# tomorrow meeting with lawyer and GUILT is stopping me



## alienatedandalonewith3 (Aug 9, 2011)

if you read my last few post,me and husband have been having some hard times
he walked out friday after i refused him sex,because i was sick and sleep,
he left and said he would get it from someone who does like him
he came home the next day and then threatened it wasnt the last time it would happen if i didnt start acting right
and that it was my fault i forced him todo it
we have hardly talk to each other and when we do he screams and yells at me
so why would i want to have sex?

ive been in contact with a lawyer since june,ive been getting my money together i now have it!

but the guilt for my children are holding me back
he refuses divorce because ill be taking everything from him that he worked for (his words)
he wont go to counslin because they told him he was ocd and controlling and could only see in black and white
now he refuses and says if i would just straighten up and act right everything would be fine

before last weekend things have been insane
over the last year he stopped saying he loved me because he said after 10 years he doesnt need to say it he shows it by working and providing for us

he no longer wants to kiss no reason he says he just doesnt like it anymore
we have been married 10 years
we have 3 kids
my youngest has special needs (autism,sm,and social anxiety)
she is a daddy girl he completly ignores my other kids when he comes home and completly smothers my youngest
to the point he holds her back from progressing

im so torn on what todo
im tired of always being wrong and never having my own opinions and feelings with out his input
he is just crazy
he tells us we like what he likes and we eat what he eats

he use to compliment my food and love the left overs for work
but now he **tchs he has to take left overs and he goes to work while i stay at home with the children
this has been the same for 12 years this is what we chose when we got married that i would be a stay at home mom
now that my youngest is in school getting her services he suddenly has a problem with everything
i offered to go back to work but he doesnt want that

i feel like i know what i should do but the guilt is eating me,to the point i want to cancel my appointment
but then i feel guilt cause my friend took the day off to go to my appointment and support me

all my friends say i should leave that hes crazy,but im scared of the unknown and im scared of losing my house and uproaring my kids

my husband makes 70,000 a year,before we were married i made 12,000.
i cant even pay my house payment on that kind of pay

so confussed and guilty


----------



## loveiswhereiamnot (Jul 8, 2011)

Meeting with a lawyer does not commit you to filing anything or doing anything. You go, find out your options, what the process would be, child support. Then you will know reality.

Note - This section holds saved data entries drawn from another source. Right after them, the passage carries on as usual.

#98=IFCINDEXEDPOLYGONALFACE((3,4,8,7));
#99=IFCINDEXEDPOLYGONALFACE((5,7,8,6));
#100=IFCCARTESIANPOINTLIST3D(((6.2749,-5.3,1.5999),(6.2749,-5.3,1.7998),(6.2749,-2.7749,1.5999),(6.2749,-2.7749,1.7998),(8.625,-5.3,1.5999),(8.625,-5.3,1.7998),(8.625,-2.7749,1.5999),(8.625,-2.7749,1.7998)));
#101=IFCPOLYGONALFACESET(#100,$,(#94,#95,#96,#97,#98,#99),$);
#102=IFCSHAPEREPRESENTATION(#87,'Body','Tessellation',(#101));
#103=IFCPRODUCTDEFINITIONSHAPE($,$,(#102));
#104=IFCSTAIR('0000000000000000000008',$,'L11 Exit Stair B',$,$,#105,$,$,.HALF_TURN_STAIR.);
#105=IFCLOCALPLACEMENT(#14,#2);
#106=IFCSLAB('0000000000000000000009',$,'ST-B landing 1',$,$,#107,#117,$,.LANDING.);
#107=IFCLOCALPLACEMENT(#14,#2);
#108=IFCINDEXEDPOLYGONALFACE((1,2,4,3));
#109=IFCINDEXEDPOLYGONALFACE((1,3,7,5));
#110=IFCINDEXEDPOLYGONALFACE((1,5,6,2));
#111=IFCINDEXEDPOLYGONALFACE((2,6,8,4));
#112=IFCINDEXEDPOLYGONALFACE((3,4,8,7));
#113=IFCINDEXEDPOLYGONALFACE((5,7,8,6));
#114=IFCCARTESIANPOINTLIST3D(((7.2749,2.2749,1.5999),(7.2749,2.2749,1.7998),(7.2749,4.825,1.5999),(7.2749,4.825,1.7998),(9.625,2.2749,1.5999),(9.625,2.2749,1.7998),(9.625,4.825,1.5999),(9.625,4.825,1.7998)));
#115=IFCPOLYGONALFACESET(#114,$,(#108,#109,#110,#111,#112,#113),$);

Living simply with your children isn't the worst thing that can happen to you. LIving with someone who tells you all the time you are the broken person and if you would just fix yourself, all would be well is mental abuse. I lived like that for a while before I realized I didn't care about the money or where I lived.


----------



## Ticonderoga (Jul 21, 2011)

Going to a lawyer is just letting you know your options if you divorce. Doesn't sound like hubby is willing to change which is a deal breaker. Is the house under water or do you have equity in it ??


----------



## alienatedandalonewith3 (Aug 9, 2011)

We do have a little equity in the home we have only been. Here 6 years
I know I'm not locked into anything with lawyer
But this will be my secound visit,and I will be giving him my fianancial forms and money
I'm sure this is what I need todo but I'm still nervous and feeling sick about everything


----------



## Ticonderoga (Jul 21, 2011)

Hope it went smoothly for you today.


----------